TULA, Russia -- A court in Russia's western city of Tula has sentenced two men to 3 1/2 years in prison each for their alleged involvement in a car bombing in August that killed Darya Dugina, the daughter of Kremlin-linked far-right ideologue Aleksandr Dugin.
The Proletarsky district court sentenced Aleksandr Suchkov and Andrei Kuznetsov on May 3 after finding them guilty of forging documents on a car that was allegedly used by Ukrainian citizen Natalya Vovk, whom Russian investigators accuse of executing the car bombing, to leave Russia after the attack.
Suchkov and Kuznetsov confessed at the trial that they forged the documents, but insisted they had no idea for whom they did that.
Dugina, 29, was killed when the car she was driving blew up on a road in the Moscow region on August 20 2022. Russian investigators said at the time that an explosive device was likely planted on the car.
Family members said Dugin, one of the main proponents of Russia's invasion of Ukraine, decided at the last minute to switch cars with his daughter as they were leaving a festival outside Moscow.
Ukrainian officials have denied that Kyiv was behind the deadly bombing.
In April, a court in Moscow issued an arrest warrant for Ukrainian citizen Bohdan Tsyhanenko. Russia's Federal Security Service says days before the car bombing that killed Dugina, Tsyhanenko arrived to Russia via Estonia and provided Vovk with forged documents and the explosive device that was allegedly used in the attack.

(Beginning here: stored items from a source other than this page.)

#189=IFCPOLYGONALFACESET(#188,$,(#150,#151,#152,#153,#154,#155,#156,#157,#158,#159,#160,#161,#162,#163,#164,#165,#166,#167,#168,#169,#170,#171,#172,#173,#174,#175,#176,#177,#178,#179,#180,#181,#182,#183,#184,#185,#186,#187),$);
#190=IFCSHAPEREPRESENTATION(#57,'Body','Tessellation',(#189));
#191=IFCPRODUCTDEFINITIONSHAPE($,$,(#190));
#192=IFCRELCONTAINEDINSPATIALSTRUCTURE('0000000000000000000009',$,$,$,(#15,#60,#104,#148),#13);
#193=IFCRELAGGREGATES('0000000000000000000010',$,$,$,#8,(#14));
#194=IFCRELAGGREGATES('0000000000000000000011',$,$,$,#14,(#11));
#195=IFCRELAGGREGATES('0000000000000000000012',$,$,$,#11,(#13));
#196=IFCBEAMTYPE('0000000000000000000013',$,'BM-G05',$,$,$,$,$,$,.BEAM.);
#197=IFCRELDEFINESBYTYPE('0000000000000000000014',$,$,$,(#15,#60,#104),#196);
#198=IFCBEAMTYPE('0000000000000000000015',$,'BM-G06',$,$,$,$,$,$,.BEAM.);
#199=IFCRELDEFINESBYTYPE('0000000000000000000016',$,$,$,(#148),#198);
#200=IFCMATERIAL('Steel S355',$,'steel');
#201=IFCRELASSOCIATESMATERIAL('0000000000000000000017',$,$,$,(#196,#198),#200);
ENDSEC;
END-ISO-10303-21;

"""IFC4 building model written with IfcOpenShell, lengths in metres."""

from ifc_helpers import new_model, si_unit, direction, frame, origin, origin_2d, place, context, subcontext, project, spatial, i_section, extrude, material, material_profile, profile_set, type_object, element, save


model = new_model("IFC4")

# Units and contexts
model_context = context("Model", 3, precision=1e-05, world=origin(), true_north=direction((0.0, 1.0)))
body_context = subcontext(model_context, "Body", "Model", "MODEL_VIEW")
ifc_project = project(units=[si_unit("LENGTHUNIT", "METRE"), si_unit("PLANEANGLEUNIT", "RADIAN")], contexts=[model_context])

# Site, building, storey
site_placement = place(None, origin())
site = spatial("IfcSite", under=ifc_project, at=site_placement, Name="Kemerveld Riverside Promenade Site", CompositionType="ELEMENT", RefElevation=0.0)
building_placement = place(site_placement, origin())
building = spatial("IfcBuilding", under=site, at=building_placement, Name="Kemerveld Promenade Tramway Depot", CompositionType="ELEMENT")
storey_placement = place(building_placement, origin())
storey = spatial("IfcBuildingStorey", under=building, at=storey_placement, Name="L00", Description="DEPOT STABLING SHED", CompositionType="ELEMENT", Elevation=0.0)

According to the Russian investigators, Tsyhanenko left Russia the day before the attack.
A well-known Russian military blogger and supporter of Russia's invasion of Ukraine, Vladlen Tatarsky (aka Maksim Fomin), was killed last month by a bomb blast in a St. Petersburg cafe.
Russian authorities again accused Ukraine of organizing the attack, but Kyiv also denied any involvement.